TNF-TNFR2/p75 Signaling Inhibits Early and Increases Delayed Non-Targeted Effects in Bone Marrow-Derived Endothelial Progenitor Cells [Signal Transduction]
April 22nd, 2014 by Sasi, S. P., Song, J., Park, D., Enderling, H., McDonald, J. T., Gee, H., Garrity, B., Shtifman, A., Yan, X., Walsh, K., Natarajan, M., Kishore, R., Goukassian, D. A.

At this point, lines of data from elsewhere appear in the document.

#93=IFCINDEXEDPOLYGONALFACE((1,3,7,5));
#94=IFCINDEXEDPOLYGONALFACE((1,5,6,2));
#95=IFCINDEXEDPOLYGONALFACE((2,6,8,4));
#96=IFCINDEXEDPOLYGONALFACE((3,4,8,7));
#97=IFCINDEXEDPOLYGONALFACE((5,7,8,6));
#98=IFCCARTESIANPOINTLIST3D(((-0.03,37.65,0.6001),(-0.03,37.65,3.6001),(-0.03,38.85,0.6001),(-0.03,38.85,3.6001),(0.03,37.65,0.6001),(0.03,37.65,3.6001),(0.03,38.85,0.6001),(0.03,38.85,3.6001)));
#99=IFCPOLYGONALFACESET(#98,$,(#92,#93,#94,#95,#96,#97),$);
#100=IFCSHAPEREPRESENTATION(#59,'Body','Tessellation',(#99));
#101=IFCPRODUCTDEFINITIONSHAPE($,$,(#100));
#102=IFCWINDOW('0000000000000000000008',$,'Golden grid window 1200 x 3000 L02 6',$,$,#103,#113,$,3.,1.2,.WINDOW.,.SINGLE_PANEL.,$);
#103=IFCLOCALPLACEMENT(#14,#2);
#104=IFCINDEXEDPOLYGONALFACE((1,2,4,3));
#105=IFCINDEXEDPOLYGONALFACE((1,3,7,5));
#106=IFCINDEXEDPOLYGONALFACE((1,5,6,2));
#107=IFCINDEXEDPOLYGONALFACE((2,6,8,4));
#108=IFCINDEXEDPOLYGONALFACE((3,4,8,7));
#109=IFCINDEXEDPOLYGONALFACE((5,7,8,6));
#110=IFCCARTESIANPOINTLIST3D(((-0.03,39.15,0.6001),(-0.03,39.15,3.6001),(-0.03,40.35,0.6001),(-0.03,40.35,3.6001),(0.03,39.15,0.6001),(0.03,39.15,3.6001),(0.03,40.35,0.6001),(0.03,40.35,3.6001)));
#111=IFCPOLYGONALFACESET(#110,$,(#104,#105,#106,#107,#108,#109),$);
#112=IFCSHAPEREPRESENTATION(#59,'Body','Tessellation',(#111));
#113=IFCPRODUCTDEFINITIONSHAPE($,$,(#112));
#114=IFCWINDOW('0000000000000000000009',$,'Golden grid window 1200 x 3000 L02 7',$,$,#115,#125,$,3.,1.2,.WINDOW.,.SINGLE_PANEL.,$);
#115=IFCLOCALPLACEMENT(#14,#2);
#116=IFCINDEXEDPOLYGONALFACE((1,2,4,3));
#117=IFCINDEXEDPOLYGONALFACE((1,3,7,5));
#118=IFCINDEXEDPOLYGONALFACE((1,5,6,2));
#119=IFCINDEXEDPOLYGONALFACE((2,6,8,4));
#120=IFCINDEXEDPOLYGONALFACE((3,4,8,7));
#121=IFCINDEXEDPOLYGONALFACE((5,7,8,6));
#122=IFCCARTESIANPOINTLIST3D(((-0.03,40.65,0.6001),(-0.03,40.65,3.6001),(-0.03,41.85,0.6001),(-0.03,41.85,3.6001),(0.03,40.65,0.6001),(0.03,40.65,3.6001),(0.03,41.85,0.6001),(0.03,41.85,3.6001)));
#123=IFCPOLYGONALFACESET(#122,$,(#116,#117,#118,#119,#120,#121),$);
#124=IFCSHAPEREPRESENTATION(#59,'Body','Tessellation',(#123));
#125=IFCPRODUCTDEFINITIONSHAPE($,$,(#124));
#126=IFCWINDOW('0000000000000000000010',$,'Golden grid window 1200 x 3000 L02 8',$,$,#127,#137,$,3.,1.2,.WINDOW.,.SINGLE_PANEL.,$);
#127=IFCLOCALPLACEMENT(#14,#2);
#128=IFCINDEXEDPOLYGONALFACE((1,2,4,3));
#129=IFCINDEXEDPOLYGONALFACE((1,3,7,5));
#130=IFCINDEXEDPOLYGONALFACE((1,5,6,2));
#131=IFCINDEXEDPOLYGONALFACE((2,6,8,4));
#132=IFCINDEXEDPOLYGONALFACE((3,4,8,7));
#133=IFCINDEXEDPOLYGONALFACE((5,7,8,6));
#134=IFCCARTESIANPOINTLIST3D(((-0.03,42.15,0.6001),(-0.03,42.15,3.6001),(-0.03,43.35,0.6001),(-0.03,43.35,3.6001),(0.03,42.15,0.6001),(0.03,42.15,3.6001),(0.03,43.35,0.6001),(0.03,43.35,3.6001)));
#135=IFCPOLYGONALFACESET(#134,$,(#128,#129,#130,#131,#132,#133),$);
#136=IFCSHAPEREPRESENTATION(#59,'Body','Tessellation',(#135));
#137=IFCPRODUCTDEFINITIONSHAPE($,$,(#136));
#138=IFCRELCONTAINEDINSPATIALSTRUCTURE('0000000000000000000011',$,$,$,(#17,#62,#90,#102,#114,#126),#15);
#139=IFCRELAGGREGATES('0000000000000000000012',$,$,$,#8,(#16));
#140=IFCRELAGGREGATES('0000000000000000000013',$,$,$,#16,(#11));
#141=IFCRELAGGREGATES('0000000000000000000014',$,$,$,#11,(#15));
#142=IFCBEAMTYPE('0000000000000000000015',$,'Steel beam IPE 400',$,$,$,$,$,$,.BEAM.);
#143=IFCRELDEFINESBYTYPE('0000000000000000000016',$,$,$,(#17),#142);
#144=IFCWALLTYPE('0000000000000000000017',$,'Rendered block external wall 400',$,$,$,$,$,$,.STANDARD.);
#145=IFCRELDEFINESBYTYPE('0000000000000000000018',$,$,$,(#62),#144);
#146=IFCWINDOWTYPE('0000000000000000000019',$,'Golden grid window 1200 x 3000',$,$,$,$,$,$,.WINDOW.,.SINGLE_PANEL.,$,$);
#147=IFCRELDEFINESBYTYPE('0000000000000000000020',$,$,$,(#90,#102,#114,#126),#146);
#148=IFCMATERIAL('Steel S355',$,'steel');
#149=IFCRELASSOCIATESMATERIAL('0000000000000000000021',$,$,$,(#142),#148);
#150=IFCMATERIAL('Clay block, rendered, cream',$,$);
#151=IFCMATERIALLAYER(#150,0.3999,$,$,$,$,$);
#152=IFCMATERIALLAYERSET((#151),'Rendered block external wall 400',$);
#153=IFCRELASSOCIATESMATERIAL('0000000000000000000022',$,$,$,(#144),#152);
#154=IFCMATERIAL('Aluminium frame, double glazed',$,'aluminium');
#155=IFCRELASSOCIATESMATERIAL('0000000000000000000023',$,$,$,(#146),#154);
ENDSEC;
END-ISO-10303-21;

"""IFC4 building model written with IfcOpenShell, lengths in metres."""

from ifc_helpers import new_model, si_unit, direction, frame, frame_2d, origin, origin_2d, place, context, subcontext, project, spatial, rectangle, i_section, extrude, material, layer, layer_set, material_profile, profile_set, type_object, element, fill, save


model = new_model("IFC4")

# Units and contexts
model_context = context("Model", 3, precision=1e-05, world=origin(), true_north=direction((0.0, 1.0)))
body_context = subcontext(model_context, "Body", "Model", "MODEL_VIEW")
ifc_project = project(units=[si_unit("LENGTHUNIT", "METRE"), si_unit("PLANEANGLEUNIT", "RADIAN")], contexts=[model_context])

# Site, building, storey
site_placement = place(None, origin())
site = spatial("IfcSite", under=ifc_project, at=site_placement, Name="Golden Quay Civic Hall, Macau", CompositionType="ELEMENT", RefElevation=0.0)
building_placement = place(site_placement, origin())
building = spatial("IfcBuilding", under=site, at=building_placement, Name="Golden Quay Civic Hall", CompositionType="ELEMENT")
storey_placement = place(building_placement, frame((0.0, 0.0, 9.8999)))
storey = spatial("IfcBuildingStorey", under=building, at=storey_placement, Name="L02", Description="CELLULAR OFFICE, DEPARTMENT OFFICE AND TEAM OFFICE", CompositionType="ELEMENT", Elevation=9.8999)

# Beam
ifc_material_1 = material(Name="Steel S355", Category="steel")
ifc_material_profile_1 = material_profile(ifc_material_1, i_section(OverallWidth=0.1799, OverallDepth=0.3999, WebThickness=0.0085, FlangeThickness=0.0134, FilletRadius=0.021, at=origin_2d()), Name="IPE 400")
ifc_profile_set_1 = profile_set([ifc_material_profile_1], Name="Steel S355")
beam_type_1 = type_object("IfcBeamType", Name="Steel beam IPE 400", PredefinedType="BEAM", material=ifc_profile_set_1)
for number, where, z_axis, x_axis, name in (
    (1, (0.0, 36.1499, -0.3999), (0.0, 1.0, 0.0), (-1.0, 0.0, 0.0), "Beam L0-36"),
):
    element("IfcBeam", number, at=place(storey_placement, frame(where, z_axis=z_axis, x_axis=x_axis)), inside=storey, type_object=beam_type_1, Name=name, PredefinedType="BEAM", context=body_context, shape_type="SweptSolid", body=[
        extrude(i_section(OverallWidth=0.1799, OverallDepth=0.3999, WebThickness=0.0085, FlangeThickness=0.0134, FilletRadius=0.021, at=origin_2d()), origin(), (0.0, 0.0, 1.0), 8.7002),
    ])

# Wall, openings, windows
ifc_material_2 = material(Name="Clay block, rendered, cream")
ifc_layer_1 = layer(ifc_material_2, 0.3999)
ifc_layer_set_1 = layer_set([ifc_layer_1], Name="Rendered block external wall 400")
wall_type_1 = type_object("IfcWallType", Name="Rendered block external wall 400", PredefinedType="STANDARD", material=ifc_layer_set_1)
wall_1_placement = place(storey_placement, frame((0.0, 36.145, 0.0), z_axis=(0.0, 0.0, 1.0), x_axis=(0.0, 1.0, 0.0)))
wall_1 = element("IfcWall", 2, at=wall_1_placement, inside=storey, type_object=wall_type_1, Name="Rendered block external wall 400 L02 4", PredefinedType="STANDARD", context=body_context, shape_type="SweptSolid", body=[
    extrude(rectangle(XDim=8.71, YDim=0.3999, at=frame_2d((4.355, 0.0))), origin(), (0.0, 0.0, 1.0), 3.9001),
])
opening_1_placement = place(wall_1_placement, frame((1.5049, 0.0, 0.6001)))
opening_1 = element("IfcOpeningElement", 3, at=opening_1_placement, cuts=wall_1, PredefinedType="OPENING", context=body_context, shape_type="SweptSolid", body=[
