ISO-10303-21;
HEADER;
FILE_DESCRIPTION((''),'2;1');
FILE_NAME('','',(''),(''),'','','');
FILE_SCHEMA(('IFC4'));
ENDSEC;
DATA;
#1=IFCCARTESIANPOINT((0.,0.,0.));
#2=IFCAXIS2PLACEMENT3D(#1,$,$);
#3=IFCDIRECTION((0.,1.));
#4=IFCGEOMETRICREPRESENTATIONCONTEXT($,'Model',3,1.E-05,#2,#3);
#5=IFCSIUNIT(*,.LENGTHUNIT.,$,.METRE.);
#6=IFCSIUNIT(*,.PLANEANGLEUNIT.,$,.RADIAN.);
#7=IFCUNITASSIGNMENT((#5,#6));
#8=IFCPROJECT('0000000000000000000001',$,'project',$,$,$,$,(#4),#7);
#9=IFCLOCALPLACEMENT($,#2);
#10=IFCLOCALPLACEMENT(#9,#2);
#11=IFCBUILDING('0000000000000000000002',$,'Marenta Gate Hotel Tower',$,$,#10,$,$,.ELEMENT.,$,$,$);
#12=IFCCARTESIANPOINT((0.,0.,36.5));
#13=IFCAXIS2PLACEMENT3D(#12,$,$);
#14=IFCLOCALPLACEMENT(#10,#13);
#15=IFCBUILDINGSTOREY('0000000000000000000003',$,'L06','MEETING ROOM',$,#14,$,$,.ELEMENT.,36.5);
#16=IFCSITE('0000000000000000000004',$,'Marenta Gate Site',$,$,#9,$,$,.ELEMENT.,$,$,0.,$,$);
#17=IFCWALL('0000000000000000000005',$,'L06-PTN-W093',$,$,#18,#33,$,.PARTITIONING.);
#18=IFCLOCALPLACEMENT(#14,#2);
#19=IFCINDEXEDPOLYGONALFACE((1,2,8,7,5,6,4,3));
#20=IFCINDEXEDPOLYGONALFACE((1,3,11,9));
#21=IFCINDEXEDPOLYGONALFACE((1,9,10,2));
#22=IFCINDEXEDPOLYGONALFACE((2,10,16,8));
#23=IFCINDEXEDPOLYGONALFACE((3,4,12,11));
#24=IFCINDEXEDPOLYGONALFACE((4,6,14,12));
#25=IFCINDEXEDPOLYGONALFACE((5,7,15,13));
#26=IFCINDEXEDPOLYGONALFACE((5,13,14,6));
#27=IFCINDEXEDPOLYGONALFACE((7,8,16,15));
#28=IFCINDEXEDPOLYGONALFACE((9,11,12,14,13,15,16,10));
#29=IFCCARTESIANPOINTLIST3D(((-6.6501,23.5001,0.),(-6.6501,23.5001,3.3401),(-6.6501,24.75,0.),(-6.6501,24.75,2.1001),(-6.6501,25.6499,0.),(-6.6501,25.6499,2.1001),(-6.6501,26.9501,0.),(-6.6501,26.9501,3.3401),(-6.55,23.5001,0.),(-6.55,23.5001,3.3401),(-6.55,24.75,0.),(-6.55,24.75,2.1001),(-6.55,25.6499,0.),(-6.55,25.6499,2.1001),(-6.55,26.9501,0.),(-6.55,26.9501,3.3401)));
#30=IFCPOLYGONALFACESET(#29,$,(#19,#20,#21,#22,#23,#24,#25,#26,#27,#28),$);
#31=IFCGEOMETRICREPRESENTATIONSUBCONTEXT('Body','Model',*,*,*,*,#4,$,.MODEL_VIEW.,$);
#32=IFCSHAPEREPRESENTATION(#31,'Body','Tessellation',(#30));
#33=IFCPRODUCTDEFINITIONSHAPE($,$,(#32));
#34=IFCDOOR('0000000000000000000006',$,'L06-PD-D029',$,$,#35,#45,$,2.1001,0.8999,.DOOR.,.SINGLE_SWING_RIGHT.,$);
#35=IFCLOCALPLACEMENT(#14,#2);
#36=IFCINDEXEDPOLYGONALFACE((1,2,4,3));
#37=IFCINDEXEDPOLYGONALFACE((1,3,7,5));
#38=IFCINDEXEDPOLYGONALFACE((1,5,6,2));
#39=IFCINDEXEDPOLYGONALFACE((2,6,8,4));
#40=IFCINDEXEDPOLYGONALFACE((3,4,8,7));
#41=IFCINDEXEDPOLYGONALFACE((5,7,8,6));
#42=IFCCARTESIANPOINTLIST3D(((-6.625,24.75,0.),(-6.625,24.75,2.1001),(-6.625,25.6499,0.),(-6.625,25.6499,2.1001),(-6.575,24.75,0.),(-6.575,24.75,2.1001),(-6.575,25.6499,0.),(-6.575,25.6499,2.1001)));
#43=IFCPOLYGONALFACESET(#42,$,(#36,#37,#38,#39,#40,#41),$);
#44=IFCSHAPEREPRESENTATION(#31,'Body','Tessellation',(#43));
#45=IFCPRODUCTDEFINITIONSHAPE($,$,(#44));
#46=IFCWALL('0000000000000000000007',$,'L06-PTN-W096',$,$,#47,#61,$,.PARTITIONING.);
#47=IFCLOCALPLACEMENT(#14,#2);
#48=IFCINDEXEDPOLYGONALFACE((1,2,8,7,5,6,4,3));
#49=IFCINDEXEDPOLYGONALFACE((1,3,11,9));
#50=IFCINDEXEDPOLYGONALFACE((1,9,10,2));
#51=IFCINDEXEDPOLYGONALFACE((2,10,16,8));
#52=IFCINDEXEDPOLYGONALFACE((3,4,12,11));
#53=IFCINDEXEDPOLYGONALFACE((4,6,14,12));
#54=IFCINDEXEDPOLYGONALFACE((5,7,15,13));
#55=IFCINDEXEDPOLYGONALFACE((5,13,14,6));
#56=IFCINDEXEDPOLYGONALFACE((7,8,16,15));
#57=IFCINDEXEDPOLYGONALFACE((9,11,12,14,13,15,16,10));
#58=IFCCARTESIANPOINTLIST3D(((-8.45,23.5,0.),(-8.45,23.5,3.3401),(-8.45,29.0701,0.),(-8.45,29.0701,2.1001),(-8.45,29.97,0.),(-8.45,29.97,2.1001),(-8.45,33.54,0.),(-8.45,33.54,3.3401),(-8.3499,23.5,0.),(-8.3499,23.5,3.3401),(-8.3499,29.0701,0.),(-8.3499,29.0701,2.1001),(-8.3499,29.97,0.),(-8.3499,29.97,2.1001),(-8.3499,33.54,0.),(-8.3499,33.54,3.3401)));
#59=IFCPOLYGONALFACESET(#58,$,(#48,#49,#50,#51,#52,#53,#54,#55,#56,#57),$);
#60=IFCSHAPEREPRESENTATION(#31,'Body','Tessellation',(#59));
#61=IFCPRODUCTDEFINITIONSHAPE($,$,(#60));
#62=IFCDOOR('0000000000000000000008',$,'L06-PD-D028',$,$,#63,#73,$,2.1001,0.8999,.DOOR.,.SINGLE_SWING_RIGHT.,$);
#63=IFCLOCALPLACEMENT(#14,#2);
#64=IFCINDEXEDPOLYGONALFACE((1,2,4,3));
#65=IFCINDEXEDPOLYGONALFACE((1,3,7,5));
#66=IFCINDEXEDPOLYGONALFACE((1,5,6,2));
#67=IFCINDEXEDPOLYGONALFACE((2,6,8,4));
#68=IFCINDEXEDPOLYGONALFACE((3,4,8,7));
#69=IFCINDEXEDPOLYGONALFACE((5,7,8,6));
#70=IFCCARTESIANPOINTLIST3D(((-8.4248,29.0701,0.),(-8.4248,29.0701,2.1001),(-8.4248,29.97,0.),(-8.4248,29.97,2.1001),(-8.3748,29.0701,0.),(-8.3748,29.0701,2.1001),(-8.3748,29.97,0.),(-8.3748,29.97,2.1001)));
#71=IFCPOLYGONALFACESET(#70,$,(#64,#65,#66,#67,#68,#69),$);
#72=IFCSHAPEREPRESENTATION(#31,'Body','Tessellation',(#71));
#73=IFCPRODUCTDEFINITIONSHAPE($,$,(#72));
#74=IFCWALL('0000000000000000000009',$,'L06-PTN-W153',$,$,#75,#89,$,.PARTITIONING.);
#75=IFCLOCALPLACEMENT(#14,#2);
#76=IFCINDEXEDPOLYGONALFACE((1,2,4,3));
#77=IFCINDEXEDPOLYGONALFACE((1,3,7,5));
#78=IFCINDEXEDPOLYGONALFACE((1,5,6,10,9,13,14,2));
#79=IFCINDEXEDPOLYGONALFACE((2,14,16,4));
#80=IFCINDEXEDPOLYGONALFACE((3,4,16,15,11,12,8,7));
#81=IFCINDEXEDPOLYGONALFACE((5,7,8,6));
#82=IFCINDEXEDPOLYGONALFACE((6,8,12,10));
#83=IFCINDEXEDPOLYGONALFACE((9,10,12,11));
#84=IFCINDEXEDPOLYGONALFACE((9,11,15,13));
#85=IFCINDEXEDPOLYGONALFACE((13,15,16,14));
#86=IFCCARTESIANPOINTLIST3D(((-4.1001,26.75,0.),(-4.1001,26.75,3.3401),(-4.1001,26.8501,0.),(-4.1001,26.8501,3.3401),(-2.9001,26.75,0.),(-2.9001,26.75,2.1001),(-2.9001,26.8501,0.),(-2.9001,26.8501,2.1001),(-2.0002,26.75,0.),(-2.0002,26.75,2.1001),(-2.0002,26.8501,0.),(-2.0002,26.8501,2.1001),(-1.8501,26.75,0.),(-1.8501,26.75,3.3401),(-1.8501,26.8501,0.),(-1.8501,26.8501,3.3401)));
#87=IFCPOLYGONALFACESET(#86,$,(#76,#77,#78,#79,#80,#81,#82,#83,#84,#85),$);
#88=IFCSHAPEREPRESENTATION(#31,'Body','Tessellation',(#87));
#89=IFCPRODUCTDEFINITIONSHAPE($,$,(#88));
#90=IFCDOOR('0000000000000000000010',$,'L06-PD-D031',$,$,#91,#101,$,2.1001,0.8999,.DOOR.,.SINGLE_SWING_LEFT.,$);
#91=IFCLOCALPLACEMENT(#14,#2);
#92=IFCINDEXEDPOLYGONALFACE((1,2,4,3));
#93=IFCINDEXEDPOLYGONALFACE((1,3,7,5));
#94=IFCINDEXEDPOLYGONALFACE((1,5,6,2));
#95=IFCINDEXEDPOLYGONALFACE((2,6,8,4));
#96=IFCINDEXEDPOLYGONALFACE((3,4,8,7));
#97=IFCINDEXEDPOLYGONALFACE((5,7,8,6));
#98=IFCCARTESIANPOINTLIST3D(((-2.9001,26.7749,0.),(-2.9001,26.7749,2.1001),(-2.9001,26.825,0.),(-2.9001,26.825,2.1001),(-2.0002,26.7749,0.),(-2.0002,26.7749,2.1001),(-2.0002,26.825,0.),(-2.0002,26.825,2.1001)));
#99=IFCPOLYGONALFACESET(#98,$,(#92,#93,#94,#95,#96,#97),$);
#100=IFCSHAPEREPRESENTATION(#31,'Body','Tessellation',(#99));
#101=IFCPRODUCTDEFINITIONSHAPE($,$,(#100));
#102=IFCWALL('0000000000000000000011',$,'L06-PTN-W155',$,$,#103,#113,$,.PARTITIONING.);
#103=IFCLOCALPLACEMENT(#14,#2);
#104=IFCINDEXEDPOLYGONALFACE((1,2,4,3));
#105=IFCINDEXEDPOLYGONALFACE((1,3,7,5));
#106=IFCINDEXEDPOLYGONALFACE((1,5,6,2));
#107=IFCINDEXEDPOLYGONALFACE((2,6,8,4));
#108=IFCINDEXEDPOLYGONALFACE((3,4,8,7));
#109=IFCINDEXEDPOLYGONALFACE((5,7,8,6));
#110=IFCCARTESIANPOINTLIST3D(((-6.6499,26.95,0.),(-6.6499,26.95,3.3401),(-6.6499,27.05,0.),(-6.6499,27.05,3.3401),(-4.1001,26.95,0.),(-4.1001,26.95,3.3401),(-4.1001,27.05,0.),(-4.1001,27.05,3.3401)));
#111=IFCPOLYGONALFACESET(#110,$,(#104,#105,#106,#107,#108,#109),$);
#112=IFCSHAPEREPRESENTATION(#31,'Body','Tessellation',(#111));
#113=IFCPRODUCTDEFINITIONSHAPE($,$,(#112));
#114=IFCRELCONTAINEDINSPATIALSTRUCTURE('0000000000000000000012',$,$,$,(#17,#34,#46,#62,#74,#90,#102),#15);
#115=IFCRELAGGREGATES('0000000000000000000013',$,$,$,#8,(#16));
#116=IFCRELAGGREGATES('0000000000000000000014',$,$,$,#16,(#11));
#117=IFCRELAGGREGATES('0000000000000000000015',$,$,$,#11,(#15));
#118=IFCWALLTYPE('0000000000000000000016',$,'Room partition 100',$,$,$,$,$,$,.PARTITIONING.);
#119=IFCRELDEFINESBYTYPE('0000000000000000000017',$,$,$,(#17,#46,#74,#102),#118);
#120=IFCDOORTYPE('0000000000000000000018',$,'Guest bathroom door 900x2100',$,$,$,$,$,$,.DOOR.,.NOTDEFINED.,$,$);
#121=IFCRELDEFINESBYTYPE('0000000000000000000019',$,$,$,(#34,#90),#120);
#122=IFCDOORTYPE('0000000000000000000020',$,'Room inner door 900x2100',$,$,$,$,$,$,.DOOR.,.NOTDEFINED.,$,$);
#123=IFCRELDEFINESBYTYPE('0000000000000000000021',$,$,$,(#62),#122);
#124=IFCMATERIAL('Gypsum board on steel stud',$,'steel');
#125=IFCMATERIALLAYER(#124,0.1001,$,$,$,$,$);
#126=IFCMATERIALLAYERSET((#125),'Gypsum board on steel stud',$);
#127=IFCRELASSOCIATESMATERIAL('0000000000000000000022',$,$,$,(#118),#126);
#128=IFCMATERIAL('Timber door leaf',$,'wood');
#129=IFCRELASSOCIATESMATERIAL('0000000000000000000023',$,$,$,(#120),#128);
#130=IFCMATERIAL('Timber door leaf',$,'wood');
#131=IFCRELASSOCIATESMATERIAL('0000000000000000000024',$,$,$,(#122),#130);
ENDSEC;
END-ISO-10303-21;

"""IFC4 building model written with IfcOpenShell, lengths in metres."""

from ifc_helpers import new_model, si_unit, direction, frame, frame_2d, origin, place, context, subcontext, project, spatial, rectangle, extrude, material, layer, layer_set, type_object, element, fill, save


model = new_model("IFC4")

# Units and contexts
model_context = context("Model", 3, precision=1e-05, world=origin(), true_north=direction((0.0, 1.0)))
body_context = subcontext(model_context, "Body", "Model", "MODEL_VIEW")
ifc_project = project(units=[si_unit("LENGTHUNIT", "METRE"), si_unit("PLANEANGLEUNIT", "RADIAN")], contexts=[model_context])

# Site, building, storey
site_placement = place(None, origin())
site = spatial("IfcSite", under=ifc_project, at=site_placement, Name="Marenta Gate Site", CompositionType="ELEMENT", RefElevation=0.0)
building_placement = place(site_placement, origin())
building = spatial("IfcBuilding", under=site, at=building_placement, Name="Marenta Gate Hotel Tower", CompositionType="ELEMENT")
storey_placement = place(building_placement, frame((0.0, 0.0, 36.5)))
storey = spatial("IfcBuildingStorey", under=building, at=storey_placement, Name="L06", Description="MEETING ROOM", CompositionType="ELEMENT", Elevation=36.5)

# Shared definitions
ifc_material_1 = material(Name="Gypsum board on steel stud", Category="steel")
ifc_layer_1 = layer(ifc_material_1, 0.1001)
ifc_layer_set_1 = layer_set([ifc_layer_1], Name="Gypsum board on steel stud")
wall_type_1 = type_object("IfcWallType", Name="Room partition 100", PredefinedType="PARTITIONING", material=ifc_layer_set_1)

TNF-α, a pro-inflammatory cytokine, is highly expressed after ionizing radiation (IR) and is implicated in mediating radiobiological bystander responses (RBR). Little is known about specific TNF receptors in regulating TNF-induced RBR in bone marrow-derived endothelial progenitor cells (BM-EPCs). Full-body γ-IR wild type (WT) BM-EPCs showed byphasic response: slow decay of p-H2AX foci during initial 24h and increase between 24h and 7 days post-IR, indicating a significant RBR in BM-EPCs in vivo. Individual TNF receptor signaling in RBR was evaluated in BM-EPCs from WT, TNFR1/p55KO and TNFR2/p75KO mice, in-vitro. Compared to WT, early RBR (1-5h) were inhibited in p55KO and p75KO EPCs, whereas delayed RBR (3-5d) were amplified in p55KO EPCs, suggesting possible role for TNFR2/p75 signaling in delayed RBR. Neutralizing TNF in γ-IR conditioned media (CM) of WT and p55KO BM-EPCs largely abolished RBR in both cell types. ELISA protein profiling of WT and p55KO EPC γ-IR-CM over 5d showed significant increases in several pro-inflammatory cytokines, including TNF-α, IL-1α, Rantes and MCP1. In-vitro treatments with murine recombinant (rm) rmTNF-α and rmIL-1α, but not rmMCP-1 or rmRantes increased the formation of p-H2AX foci in N-IR p55KO EPCs. We conclude that TNF-TNFR2 signaling may induce RBR in naive BM-EPCs and that blocking TNF-TNFR2 signaling may prevent delayed RBR in BM-derived EPCs, conceivably, in bone marrow milieu in general.